在大周朝,男人說話,女人都要退避一些,是以聶含璋向趙堇懿行過禮之後便走遠了些,兀自挑選她的蘭花去。當然,她也象征性地去探望了一下號稱身子不適的高慕雪,兩人相看兩相厭,沒說幾句就各玩各的了。
聶含璋一邊假裝認真挑花,一邊豎長了耳朵聽著席梟那邊的動靜,有些好奇三皇子到底想跟自己的丈夫說什麽。
趙堇懿跟席梟在嘴上打了一圈太極之後,終於繞回到他心中所想,假裝不經意地說道:“聽說少將軍與少夫人適才進宮向父皇謝恩之時,父皇單獨留下將軍您說了好一會兒話,可見少將軍深得父皇看重哪。自從父皇宣病之後,極少見客,便是連我們這些皇子公主都難見聖顏哪。少將軍今兒見著了父皇,不知他老人家身體可好?”
席梟客套地笑笑,一板一眼地回:“三殿下謬讚了,微臣隻是攜妻進宮向聖上謝恩罷了,不敢妄自托大。聖上他天之驕子,自是龍體安康,三殿下不必憂心。便是有些許不適,相信在眾位皇子公主的體貼關懷下也能很快康愈。”
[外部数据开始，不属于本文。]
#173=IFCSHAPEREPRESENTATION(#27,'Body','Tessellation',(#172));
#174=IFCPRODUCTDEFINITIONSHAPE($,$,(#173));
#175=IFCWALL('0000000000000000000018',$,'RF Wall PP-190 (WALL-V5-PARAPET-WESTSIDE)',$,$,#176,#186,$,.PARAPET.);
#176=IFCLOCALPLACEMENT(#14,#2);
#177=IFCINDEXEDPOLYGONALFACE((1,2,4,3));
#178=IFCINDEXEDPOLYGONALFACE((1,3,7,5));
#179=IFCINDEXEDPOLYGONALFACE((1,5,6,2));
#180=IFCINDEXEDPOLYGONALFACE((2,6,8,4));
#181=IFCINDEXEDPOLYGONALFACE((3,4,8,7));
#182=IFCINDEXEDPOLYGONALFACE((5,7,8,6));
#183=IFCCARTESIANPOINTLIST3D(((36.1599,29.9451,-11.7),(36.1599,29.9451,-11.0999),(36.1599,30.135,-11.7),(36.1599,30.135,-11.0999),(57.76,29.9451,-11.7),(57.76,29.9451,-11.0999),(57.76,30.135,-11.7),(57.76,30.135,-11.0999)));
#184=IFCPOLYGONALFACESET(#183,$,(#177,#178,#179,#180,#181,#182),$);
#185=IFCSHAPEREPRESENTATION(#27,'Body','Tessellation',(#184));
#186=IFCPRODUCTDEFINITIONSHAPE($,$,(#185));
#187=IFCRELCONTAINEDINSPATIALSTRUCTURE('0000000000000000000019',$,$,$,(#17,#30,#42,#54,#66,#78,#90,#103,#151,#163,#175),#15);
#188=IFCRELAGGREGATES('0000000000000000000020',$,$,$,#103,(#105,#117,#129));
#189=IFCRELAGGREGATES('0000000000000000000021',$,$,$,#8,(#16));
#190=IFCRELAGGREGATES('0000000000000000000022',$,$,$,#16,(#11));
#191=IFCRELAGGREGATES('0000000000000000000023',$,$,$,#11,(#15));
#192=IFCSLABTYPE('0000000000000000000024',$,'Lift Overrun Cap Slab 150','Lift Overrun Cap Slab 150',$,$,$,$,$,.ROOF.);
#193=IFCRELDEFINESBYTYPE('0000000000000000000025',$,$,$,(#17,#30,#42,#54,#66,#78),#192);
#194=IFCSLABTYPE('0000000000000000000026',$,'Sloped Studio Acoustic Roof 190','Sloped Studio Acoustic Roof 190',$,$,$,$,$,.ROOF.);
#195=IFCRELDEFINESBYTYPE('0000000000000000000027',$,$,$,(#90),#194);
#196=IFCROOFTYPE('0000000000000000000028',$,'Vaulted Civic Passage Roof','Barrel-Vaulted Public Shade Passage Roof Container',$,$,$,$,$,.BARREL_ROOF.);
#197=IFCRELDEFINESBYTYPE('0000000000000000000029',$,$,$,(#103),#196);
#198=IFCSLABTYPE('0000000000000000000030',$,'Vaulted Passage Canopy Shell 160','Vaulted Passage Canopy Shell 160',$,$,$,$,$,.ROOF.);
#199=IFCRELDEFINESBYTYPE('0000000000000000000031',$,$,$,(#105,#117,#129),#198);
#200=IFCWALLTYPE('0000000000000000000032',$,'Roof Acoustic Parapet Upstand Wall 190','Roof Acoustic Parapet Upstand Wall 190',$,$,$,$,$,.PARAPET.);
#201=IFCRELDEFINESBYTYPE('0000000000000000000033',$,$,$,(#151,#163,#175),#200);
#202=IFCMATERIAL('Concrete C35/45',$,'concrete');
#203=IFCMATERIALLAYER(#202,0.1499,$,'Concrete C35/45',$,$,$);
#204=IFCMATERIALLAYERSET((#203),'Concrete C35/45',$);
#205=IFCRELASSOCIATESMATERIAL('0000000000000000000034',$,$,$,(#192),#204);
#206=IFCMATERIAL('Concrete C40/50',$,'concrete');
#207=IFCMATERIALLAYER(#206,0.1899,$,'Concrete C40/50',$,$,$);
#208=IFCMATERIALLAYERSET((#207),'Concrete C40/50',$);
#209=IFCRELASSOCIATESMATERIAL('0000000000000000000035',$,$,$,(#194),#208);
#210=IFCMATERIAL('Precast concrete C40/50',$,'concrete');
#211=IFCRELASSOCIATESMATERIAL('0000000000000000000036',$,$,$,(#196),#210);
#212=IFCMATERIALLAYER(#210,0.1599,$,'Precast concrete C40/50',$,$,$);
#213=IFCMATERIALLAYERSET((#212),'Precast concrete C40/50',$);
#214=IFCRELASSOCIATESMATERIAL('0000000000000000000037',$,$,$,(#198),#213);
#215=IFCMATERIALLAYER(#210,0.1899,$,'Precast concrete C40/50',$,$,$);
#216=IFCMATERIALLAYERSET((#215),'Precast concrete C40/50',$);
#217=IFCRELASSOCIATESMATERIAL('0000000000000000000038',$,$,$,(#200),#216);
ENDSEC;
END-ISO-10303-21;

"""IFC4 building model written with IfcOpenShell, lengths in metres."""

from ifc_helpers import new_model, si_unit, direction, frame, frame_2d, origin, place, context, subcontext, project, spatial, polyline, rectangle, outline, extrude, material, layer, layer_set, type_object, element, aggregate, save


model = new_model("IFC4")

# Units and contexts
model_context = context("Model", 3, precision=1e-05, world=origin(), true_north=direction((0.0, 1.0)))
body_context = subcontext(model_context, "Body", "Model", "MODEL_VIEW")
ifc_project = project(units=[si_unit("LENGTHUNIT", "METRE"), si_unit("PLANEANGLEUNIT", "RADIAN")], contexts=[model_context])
趙堇懿話裏的潛台詞席梟聽得出來,無非是想向他打探之前在宮裏皇上都跟他說了什麽,至於皇上的身體好不好,趙堇懿這個做兒子的沒道理比他這個外人還不清楚,擺明了就是一個借口而已。
席梟最後那句話說得有點重,其實更像是在打趙堇懿的臉。說到底,皇上這場病來得如此迅猛,跟幾位皇子間的爭權奪勢脫不開幹係。若是這些皇子們能安份守己些,朝廷也能安穩平靜些,乾明帝也不必如此費心。
趙堇懿嘴角抽了抽,幹笑道:“那便好,父皇身體康健那真是我等之福,蒼生之幸。”
席梟出了名的軟硬不吃,這一番試探下來,趙堇懿明白,自己在席梟這兒是套不出什麽話來的,倒不如想想其他接近的法子。